Brought my Grob home last night around 930pm est. Started degreasing around 5pm today. Then tore down. I'll get it painted and reassembled. Everything is in very very good condition. Orignal paint machine. Came with all the gadgets it was purchased with. I have all the orignal documents that came with the machine including the purchase order and such.


----------



## Aukai (Mar 10, 2022)

Cool...


----------



## S5rx7 (Mar 18, 2022)

Mid  blast, Accent color, frame color. The frame I mixed up a Vanilla creme color.


----------



## Boswell (Mar 18, 2022)

Looking Good !


----------



## SLK001 (Mar 18, 2022)

Does the blade welder still work?


----------



## S5rx7 (Mar 18, 2022)

SLK001 said:


> Does the blade welder still work?


All signs show it should.

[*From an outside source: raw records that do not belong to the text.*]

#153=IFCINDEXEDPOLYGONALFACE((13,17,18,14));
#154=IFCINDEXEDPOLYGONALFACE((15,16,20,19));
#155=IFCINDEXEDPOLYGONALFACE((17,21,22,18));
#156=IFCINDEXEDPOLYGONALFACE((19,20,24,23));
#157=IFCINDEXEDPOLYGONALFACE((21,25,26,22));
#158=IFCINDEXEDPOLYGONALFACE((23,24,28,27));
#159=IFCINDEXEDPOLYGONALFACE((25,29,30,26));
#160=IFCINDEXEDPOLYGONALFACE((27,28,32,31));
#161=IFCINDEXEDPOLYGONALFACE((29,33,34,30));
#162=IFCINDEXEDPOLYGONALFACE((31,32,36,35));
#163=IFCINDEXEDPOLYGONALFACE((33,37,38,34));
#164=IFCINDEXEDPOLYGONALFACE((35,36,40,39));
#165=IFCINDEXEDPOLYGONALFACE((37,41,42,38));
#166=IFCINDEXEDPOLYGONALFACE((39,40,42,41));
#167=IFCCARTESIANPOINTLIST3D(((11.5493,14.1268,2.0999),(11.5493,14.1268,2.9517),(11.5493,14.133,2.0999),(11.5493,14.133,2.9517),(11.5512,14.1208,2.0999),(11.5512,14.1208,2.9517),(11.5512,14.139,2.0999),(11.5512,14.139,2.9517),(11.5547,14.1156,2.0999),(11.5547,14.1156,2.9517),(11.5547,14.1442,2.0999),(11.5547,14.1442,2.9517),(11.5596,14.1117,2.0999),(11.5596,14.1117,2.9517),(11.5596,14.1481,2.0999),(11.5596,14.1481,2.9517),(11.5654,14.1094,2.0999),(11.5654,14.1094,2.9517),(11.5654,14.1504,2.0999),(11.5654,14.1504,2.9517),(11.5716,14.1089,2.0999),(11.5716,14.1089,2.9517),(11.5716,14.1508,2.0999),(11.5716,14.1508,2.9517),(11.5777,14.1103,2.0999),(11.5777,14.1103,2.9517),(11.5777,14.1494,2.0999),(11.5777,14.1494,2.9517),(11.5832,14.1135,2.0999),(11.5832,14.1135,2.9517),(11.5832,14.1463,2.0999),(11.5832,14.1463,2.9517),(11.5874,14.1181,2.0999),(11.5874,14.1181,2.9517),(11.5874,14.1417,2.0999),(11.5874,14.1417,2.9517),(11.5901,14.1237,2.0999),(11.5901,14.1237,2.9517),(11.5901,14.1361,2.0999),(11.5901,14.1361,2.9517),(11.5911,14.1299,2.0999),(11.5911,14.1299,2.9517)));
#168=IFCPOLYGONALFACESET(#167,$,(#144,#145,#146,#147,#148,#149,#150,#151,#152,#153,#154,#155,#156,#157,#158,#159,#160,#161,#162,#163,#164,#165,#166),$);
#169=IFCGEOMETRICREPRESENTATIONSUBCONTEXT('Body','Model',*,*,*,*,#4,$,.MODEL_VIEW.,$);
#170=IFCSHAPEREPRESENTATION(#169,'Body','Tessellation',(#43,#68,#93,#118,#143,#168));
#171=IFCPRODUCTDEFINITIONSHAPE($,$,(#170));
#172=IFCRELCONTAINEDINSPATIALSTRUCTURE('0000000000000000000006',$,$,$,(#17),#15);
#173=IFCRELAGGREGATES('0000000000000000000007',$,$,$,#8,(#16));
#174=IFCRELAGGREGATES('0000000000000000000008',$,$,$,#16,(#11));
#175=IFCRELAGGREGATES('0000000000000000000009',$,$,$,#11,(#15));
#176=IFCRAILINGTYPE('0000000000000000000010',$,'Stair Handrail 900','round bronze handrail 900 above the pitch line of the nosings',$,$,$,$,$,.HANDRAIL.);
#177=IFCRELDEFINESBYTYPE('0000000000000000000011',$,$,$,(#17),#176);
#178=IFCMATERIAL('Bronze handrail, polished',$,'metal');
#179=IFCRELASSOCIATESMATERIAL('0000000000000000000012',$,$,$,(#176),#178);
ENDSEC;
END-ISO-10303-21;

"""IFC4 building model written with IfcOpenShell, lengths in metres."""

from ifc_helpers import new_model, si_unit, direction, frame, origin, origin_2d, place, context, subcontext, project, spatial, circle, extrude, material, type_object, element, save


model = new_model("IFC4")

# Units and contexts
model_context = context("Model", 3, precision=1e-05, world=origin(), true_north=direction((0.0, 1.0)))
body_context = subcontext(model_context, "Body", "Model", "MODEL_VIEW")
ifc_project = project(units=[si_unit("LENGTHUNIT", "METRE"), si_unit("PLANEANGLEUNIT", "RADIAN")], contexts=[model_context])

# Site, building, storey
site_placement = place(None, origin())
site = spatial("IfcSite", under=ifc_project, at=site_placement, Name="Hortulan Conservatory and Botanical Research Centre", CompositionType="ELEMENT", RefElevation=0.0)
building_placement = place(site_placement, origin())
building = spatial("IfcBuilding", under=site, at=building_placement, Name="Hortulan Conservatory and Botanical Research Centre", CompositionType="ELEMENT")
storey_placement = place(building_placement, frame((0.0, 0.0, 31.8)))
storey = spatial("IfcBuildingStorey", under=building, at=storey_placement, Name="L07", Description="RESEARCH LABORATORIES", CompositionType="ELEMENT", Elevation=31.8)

I tore it apart so Hopefully it does when I put it back together


----------



## S5rx7 (Apr 3, 2022)

99.9% complete.


----------



## Boswell (Apr 3, 2022)

That is looking very nice!


----------



## FOMOGO (Apr 3, 2022)

Nice work on the saw. Have been on the lookout for one for a few years now. One day hopefully. Mike


----------